Empirical Testing of MUSE V0.2

Background and PHOLD

Experimental results are presented to illustrate the scalability and efficiency of MUSE. For empirical evaluation, experiments were initially conducted using a square grid consisting of 512 x 512 (262,144) agents participating in PHOLD. In subsequent experiments the number of compute nodes was increased in powers of two starting from one compute-node. Each compute node has the following specs:

  • CPU Model: Intel Xeon (X2)
  • CPU/Core Speed: 3.0 GHz (X2)
  • RAM: 4GB
  • OS: Linux 2.6.9-22.ELsmp
  • Interconnect type & speed: Infiniband @ 20Gbps

Different matrics were used in order to paint a better picture of the performance. The following are the matrics used:

  • Execution Time
  • Speedup
  • Efficiency
  • Scalability

Execution Time

Execution time can be calculated for both the parallel algorithm and its serial counterpart. The serial runtime (Ts) is the wall clock time elapsed between the beginning and end of an execution of a sequential program, while the parallel runtime (Tp) is the time elapsed from the moment a parallel computation started to the time when the last processing element finished execution.

Speedup

A general interest while running a parallel program is to determine the performance gain that is achieved on parallelizing an application. Speedup is the ratio of time taken to solve a problem on a single processing element to the time required to solve the same problem on a parallel computer with p identical processing elements.

S= Ts/Tp

Efficiency

An ideal parallel system containing p processing elements can deliver a speedup equal to p.  An ideal behavior is difficult to achieve since the processing elements are unable to devote 100% of their time to the computation of an algorithm. It is due to this reason a metric such as efficiency is used. Efficiency can be used to determine the percentage of time for which a processing element is useful.

E = S/p

In an ideal system, speedup is equal to p and efficiency is 1. In practical applications, speedup is generally less than p and efficiency is a value between 0 and 1. Unless you acheive Super Linear Speedup!

Scalability

An important metric used for evaluating the efficacy of a parallel algorithm is scalability. Scalability is defined as the measure of capacity of parallel program to increase its speedup in proportion to the number of processing elements and the size of the problem. A program is said to be scalable if it continues to remain efficient as the number of processing elements increases. A good rule of thumb I use is E =0.85

PHOLD

PHOLD works with an X x Y agent grid, where each agent in the grid will have four neighbors. When the simulation starts, each agent K initializes by sending N events to agent K. The N events have a random receive time, with a max receive time defined by the variable Delay. During PHOLD simulation, when an agent receives an event, the following takes place.

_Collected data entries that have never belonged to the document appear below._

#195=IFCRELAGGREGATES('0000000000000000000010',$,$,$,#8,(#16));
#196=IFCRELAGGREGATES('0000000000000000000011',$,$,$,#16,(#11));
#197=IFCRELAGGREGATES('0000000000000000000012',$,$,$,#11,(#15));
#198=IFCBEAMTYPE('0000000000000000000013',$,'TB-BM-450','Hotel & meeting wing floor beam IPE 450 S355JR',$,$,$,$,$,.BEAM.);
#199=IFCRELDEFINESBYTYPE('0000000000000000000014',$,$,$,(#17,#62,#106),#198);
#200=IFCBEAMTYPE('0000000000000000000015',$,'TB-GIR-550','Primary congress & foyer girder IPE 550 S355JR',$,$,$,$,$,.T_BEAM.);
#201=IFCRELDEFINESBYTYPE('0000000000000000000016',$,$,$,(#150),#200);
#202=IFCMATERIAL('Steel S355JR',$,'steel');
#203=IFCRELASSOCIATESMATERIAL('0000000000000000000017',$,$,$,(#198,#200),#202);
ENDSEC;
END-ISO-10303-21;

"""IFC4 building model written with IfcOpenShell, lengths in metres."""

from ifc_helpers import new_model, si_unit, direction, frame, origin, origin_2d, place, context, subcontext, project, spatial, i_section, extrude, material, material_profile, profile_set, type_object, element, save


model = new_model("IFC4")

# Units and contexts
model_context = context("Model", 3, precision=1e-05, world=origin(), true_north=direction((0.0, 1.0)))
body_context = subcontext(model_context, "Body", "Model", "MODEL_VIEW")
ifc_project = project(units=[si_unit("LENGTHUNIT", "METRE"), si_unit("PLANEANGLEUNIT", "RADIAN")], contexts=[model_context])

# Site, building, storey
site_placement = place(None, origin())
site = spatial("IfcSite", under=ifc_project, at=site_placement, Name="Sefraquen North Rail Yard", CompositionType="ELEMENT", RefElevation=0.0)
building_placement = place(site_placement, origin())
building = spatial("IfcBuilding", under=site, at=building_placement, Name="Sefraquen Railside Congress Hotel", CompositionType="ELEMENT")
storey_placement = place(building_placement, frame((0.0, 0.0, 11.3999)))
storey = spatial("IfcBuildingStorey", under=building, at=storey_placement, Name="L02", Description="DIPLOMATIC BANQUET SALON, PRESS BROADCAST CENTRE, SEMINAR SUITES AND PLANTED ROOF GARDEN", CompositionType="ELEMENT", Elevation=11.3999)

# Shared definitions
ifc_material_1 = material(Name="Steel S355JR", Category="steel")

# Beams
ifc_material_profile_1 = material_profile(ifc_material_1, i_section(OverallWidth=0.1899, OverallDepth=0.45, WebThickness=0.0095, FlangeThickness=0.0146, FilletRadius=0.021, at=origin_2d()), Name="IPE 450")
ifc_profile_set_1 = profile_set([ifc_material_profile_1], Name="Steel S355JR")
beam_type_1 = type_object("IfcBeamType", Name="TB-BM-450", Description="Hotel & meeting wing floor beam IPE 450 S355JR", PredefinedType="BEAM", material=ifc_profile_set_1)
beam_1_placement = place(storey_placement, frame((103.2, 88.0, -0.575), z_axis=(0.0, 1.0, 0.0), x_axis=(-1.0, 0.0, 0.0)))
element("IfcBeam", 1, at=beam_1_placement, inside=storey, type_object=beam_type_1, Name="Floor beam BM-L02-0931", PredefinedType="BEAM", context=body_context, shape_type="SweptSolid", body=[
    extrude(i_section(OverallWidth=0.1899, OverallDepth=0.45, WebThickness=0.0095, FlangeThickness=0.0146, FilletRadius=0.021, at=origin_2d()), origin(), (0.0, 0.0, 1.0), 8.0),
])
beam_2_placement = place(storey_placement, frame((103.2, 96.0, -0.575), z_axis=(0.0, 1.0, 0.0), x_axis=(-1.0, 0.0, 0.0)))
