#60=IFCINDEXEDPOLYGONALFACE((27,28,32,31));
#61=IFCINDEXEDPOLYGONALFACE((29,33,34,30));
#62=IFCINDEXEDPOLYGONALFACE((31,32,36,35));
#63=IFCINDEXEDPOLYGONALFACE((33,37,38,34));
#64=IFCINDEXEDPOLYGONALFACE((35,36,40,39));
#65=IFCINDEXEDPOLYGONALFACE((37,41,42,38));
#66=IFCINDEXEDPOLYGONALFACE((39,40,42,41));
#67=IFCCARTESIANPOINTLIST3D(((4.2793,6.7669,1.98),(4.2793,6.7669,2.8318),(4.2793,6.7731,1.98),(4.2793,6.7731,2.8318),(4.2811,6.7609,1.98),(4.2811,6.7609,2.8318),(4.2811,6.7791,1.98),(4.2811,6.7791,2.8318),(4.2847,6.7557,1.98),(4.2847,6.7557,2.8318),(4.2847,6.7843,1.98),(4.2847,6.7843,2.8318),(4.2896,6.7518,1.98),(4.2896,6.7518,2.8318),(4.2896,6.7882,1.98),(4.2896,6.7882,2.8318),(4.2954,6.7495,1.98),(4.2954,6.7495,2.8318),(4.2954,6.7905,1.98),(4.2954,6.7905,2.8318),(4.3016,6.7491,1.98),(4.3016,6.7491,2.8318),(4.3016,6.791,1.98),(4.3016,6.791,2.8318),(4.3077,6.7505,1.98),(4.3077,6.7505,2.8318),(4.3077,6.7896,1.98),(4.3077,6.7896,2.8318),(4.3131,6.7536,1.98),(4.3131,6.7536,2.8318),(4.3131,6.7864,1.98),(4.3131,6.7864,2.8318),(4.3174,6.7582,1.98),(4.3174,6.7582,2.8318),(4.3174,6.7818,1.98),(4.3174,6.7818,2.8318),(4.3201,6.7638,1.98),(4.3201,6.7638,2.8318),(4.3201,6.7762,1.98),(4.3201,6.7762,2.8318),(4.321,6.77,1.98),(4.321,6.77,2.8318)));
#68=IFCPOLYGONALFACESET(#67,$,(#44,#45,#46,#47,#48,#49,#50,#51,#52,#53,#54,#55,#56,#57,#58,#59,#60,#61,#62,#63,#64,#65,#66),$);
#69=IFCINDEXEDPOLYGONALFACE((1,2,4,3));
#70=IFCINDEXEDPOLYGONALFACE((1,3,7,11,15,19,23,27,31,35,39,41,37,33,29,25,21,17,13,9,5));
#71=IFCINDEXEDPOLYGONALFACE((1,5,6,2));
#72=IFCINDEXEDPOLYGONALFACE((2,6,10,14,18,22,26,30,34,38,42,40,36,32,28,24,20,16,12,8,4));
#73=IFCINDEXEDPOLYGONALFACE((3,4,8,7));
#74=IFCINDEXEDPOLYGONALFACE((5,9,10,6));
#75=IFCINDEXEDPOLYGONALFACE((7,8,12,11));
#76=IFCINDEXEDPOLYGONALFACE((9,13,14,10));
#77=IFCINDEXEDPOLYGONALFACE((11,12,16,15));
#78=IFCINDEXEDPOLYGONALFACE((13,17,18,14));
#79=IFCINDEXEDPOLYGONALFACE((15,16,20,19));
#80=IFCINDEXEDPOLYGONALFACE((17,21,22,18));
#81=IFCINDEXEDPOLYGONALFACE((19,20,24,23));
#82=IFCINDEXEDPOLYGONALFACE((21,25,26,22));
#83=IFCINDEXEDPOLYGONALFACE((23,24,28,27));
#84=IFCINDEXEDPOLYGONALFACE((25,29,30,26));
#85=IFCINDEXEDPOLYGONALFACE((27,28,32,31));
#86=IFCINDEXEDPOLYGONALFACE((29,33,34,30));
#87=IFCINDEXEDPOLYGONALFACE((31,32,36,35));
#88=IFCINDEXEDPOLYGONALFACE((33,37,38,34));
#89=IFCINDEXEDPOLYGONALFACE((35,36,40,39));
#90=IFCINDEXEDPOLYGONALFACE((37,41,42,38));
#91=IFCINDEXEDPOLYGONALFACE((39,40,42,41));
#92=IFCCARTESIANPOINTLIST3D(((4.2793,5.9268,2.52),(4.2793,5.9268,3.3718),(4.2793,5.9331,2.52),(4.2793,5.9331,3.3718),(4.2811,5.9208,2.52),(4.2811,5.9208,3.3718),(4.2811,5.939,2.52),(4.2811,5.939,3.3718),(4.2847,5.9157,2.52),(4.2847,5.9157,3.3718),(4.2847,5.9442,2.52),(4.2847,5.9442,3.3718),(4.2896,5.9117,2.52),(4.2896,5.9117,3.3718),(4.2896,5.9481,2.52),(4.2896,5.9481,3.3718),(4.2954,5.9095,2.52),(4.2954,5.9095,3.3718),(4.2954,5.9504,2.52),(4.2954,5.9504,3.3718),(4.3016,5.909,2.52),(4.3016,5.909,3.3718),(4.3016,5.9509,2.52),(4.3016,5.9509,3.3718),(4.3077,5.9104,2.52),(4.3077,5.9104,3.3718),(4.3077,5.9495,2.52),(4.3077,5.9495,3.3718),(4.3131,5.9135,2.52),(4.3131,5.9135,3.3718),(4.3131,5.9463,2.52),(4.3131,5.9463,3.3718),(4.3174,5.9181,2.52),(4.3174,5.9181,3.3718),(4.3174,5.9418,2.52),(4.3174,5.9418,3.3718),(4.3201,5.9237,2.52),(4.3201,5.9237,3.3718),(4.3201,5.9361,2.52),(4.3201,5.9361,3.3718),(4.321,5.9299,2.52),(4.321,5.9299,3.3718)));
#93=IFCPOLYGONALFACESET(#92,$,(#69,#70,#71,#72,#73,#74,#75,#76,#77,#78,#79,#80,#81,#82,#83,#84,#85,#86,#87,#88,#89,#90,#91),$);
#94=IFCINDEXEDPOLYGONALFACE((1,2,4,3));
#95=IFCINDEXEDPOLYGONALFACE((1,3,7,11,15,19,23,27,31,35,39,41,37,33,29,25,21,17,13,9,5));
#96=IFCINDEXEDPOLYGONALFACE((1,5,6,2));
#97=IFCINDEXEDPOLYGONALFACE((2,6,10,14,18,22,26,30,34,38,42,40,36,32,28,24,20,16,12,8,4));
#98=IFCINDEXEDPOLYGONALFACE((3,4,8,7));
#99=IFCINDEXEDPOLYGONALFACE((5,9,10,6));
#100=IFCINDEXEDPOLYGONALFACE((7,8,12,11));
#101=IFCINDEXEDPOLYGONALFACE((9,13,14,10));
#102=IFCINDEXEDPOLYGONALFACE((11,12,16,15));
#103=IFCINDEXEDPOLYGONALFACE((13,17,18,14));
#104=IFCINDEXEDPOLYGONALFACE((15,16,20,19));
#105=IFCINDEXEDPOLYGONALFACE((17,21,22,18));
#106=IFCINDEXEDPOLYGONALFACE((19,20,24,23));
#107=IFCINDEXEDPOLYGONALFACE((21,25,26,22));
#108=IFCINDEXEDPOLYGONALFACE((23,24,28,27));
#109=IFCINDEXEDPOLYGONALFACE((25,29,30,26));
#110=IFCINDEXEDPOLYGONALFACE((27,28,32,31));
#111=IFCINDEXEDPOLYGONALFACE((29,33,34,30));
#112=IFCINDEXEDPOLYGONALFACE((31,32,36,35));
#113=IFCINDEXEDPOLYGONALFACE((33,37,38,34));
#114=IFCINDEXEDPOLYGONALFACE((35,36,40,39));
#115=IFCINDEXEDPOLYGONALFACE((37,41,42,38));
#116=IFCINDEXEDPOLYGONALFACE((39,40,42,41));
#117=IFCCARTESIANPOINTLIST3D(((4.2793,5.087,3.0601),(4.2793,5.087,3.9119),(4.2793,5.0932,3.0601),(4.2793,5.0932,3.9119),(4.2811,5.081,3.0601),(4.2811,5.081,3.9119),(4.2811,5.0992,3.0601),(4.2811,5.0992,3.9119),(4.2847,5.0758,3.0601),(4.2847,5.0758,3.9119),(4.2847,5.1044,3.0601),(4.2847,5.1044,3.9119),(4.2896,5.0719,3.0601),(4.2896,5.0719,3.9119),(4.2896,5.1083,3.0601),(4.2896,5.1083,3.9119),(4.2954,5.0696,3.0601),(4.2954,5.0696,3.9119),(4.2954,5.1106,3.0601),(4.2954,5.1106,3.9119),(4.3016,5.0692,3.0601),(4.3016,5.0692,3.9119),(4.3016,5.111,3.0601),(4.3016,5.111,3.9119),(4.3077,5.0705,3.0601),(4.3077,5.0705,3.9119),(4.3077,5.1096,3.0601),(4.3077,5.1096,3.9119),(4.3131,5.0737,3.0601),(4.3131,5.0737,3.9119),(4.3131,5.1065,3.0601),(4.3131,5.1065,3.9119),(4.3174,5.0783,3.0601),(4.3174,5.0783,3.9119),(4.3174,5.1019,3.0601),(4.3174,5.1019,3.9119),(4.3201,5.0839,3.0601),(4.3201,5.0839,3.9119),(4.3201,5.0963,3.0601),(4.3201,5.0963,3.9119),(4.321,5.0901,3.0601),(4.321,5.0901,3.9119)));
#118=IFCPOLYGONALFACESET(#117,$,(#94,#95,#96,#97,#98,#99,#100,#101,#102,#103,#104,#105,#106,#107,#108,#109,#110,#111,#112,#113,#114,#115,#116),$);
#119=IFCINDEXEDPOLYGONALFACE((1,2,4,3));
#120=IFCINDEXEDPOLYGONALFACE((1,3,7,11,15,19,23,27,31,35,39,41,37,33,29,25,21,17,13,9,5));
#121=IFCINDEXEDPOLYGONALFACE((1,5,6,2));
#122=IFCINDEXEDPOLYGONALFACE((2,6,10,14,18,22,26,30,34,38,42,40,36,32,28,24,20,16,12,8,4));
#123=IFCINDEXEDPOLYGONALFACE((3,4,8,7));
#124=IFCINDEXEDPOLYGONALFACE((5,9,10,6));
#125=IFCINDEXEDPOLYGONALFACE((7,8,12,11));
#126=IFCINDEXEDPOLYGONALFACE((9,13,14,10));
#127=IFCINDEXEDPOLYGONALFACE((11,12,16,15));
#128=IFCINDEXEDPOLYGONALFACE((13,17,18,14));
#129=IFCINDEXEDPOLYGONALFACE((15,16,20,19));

  1. Randomly select a neighbor to send the next event to.
  2. Choose a receive time for the current time plus Random [1 to Delay].
  3. Create and send the event.

Since MUSE runs in parallel the agents in PHOLD will be evenly spread across the different compute nodes.

Execution times with increasing nodes

phold_var_table

Table 1 : Execution time of MUSE running PHOLD

ee_muse_trend

Figure 1 : PHOLD trend with increasing nodes on MUSE

Figure 1 shows a nice trend and generally MUSE is doing what it should do. As the number of processing elements (compute node) increase execution time should decrease. The big question now is how well does it scale? To get an answer, figuring out the efficiency and speedup of MUSE become important. Using the execution time for MUSE on one compute node as the serial version (Ts = 1663 seconds), I was able to calculate the speedup. Using speedup, I calculated efficiency.

speedup_efficiency_ee_muse

Table 2: Speedup on MUSE

speedup_graph_ee_muse

Figure 2: Speedup on MUSE

efficiency_graph_ee_muse

Figure 3: Efficiency on MUSE

Figure 2 shows the speedup being over the number of processing elements. How is this possible? This becomes possible if the program acheived super linear speedup. In this PHOLD simulation the speedup was impressive. Hence, the efficiency will be above 1 for all increasing nodes as shown in figure 3. Does this mean that MUSE scales well? One more experiment is needed to show scalability.

Here is the reasoning for the next test. If MUSE efficiency is above one for each increasing node, then as the workload increases and as the number of compute node increase, then the execution times for all cases in the test should be relatively the same. Right?

The idea will be to adjust the number of nodes while trying to maintain the number of agents to compute node ratio roughly consistent. Starting from one node and moving up to 32 nodes in power of twos. Also incrementing our agents such that at any given configuration each compute node works with around 8000 to 10,000 agents.

increase_agents_and_nodes_ee_muse_table

Table 3: Execution time with increasing agents and nodes

increase_agents_and_nodes_ee_muse_graph

Figure 4: PHOLD on MUSE with increasing agents and nodes

The first experiment observed super linear speedup and excellent efficiency with MUSE. The second experiment proved that as the number of agents increased and the number of nodes increased, execution time remained comparatively constant. This trend is that last piece of data needed to conclude that indeed MUSE is a scalable framework.